# You normally don't need to do this if you run a ntp daemon.

## dogshu

/etc/conf.d/hwclock says that you don't need to set clock_systohc="YES" if you are running an ntp daemon.  I'm not sure that this comment is accurate.  All of my systems run ntp daemons.  When I set clock_systohc="no" my systems say that filesystems were mounted in the future on boot because the hardware clock is wrong.  When my systems are unable to contact an ntp server at boot time, their clocks are off.

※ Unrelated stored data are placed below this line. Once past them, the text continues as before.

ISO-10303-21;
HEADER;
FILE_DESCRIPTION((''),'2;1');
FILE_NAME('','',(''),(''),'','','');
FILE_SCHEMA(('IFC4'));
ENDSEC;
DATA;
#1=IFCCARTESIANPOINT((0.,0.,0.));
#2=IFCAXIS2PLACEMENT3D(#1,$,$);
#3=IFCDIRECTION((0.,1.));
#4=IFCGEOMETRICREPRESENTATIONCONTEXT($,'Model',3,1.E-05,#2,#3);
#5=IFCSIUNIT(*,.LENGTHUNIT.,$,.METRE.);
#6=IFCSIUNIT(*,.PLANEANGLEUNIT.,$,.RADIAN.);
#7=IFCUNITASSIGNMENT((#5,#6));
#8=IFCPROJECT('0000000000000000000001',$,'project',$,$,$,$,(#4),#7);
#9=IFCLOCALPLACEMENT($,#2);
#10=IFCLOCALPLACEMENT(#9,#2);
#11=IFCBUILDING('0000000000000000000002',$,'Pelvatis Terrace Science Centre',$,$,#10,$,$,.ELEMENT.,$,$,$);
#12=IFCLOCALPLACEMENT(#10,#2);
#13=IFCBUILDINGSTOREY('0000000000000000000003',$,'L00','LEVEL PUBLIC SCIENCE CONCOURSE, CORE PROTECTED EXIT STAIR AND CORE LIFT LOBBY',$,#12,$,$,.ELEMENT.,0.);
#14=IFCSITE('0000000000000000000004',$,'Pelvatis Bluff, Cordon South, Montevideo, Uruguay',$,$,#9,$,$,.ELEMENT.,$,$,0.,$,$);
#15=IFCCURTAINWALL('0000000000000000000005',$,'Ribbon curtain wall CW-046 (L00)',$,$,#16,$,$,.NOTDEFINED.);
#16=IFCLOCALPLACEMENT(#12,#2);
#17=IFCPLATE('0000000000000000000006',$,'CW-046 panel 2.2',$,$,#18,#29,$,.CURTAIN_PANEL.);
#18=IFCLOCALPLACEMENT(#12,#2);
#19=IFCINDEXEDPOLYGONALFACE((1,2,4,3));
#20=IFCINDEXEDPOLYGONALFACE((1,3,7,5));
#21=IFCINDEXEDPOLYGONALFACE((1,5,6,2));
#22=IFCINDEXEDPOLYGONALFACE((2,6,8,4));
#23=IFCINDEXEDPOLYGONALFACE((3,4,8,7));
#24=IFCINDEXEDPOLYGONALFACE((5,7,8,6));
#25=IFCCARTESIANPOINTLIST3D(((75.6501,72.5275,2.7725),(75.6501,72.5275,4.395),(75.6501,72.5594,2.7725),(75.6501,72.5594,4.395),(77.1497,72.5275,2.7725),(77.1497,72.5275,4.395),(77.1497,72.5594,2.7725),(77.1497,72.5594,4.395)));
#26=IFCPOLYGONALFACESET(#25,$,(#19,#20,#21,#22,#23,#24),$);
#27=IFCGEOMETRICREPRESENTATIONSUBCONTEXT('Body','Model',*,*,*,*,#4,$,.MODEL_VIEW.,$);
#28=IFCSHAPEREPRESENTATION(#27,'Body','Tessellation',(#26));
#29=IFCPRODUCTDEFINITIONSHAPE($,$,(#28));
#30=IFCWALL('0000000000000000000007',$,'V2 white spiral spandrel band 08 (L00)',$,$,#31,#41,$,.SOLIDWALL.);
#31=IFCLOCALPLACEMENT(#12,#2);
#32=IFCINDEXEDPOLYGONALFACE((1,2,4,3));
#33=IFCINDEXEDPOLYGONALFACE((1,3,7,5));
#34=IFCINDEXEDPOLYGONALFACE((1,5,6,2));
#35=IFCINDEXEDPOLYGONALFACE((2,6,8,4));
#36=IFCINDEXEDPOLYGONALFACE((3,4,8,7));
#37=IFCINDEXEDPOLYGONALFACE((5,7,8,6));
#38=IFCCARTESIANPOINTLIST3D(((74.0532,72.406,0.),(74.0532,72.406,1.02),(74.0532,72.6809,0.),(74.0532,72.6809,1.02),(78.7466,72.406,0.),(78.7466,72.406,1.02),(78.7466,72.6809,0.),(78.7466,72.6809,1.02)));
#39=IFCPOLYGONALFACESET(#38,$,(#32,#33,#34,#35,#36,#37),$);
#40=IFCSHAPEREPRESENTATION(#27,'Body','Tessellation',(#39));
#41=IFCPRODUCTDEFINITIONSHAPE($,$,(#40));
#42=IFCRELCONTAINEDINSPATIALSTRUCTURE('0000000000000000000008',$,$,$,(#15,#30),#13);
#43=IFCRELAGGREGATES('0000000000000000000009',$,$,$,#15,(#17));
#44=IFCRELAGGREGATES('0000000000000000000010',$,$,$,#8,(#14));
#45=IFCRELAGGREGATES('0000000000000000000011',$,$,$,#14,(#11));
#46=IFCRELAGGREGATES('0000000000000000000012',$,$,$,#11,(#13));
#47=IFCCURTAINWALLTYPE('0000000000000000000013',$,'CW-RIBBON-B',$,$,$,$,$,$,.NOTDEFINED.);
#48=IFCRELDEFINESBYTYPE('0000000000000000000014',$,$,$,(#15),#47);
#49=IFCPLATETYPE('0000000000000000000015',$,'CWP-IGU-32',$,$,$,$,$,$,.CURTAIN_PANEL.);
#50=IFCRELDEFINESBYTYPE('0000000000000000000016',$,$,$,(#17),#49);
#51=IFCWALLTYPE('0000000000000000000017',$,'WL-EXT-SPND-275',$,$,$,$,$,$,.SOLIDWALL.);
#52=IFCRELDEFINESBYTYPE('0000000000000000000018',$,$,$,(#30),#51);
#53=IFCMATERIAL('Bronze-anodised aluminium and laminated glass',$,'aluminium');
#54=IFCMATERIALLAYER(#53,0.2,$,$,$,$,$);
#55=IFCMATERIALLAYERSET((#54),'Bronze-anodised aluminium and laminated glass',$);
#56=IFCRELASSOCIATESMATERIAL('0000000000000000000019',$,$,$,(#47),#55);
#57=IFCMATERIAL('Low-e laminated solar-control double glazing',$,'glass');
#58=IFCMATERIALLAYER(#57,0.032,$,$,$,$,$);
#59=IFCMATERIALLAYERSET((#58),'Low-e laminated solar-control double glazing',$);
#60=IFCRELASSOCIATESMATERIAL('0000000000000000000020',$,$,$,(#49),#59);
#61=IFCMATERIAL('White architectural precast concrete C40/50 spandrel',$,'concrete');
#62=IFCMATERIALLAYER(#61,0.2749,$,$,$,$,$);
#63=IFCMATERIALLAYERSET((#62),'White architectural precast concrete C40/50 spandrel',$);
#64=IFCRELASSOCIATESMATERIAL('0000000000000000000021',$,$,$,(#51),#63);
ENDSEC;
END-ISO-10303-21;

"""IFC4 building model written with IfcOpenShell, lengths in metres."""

from ifc_helpers import new_model, si_unit, direction, frame, frame_2d, origin, origin_2d, place, context, subcontext, project, spatial, rectangle, extrude, material, layer, layer_set, type_object, element, aggregate, save


model = new_model("IFC4")

# Units and contexts
model_context = context("Model", 3, precision=1e-05, world=origin(), true_north=direction((0.0, 1.0)))
body_context = subcontext(model_context, "Body", "Model", "MODEL_VIEW")
ifc_project = project(units=[si_unit("LENGTHUNIT", "METRE"), si_unit("PLANEANGLEUNIT", "RADIAN")], contexts=[model_context])

# Site, building, storey
site_placement = place(None, origin())
site = spatial("IfcSite", under=ifc_project, at=site_placement, Name="Pelvatis Bluff, Cordon South, Montevideo, Uruguay", CompositionType="ELEMENT", RefElevation=0.0)
building_placement = place(site_placement, origin())
building = spatial("IfcBuilding", under=site, at=building_placement, Name="Pelvatis Terrace Science Centre", CompositionType="ELEMENT")
storey_placement = place(building_placement, origin())
storey = spatial("IfcBuildingStorey", under=building, at=storey_placement, Name="L00", Description="LEVEL PUBLIC SCIENCE CONCOURSE, CORE PROTECTED EXIT STAIR AND CORE LIFT LOBBY", CompositionType="ELEMENT", Elevation=0.0)

# Curtain wall
ifc_material_1 = material(Name="Bronze-anodised aluminium and laminated glass", Category="aluminium")
ifc_layer_1 = layer(ifc_material_1, 0.2)
ifc_layer_set_1 = layer_set([ifc_layer_1], Name="Bronze-anodised aluminium and laminated glass")
curtain_wall_type = type_object("IfcCurtainWallType", Name="CW-RIBBON-B", PredefinedType="NOTDEFINED", material=ifc_layer_set_1)
curtain_wall_1_placement = place(storey_placement, origin())
curtain_wall_1 = element("IfcCurtainWall", 1, at=curtain_wall_1_placement, inside=storey, type_object=curtain_wall_type, Name="Ribbon curtain wall CW-046 (L00)", PredefinedType="NOTDEFINED")

# Plate
ifc_material_2 = material(Name="Low-e laminated solar-control double glazing", Category="glass")
ifc_layer_2 = layer(ifc_material_2, 0.032)
ifc_layer_set_2 = layer_set([ifc_layer_2], Name="Low-e laminated solar-control double glazing")
plate_type = type_object("IfcPlateType", Name="CWP-IGU-32", PredefinedType="CURTAIN_PANEL", material=ifc_layer_set_2)
plate_1_placement = place(storey_placement, frame((76.3999, 72.5435, 2.7725), z_axis=(0.0, 0.0, 1.0), x_axis=(-1.0, 0.0, 0.0)))
plate_1 = element("IfcPlate", 2, at=plate_1_placement, type_object=plate_type, Name="CW-046 panel 2.2", PredefinedType="CURTAIN_PANEL", context=body_context, shape_type="SweptSolid", body=[
    extrude(rectangle(XDim=1.4995, YDim=0.032, at=origin_2d()), origin(), (0.0, 0.0, 1.0), 1.6226),
])
aggregate(curtain_wall_1, [plate_1])

# Wall
ifc_material_3 = material(Name="White architectural precast concrete C40/50 spandrel", Category="concrete")
ifc_layer_3 = layer(ifc_material_3, 0.2749)
ifc_layer_set_3 = layer_set([ifc_layer_3], Name="White architectural precast concrete C40/50 spandrel")
wall_type = type_object("IfcWallType", Name="WL-EXT-SPND-275", PredefinedType="SOLIDWALL", material=ifc_layer_set_3)
wall_placement = place(storey_placement, frame((78.7466, 72.5435, 0.0), z_axis=(0.0, 0.0, 1.0), x_axis=(-1.0, 0.0, 0.0)))
element("IfcWall", 3, at=wall_placement, inside=storey, type_object=wall_type, Name="V2 white spiral spandrel band 08 (L00)", PredefinedType="SOLIDWALL", context=body_context, shape_type="SweptSolid", body=[
    extrude(rectangle(XDim=4.6934, YDim=0.2749, at=frame_2d((2.3467, 0.0))), origin(), (0.0, 0.0, 1.0), 1.02),
])

save(model, "model.ifc")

Perhaps ntpd used to set the hardware clock, but no longer does?  This comment in /etc/conf.d/hwclock does not seem to be accurate.

----------

## AngelKnight

Yeah I think "badly drifting clocks" wasn't considered as "normal" by whomever wrote the comment  :Smile: 

----------

## dogshu

Is the hardware clock ever going to be set if clock_systohc="NO"?  It doesn't matter if the drift is significant or not.  If there is any drift at all the hardware clock will become wrong given enough time.  It seems to me that running ntpd is completely unrelated to syncing the hardware clock.

----------

## nlsa8z6zoz7lyih3ap

 *Quote:*   

> Is the hardware clock ever going to be set if clock_systohc="NO"?

 

My experience is that the hardware clock is not set under those circumstances. Also logic tells me the same thing.

 *Quote:*   

> It seems to me that running ntpd is completely unrelated to syncing the hardware clock

 

This is my experience too, although with the caveat that I use netdate rather than ntpd.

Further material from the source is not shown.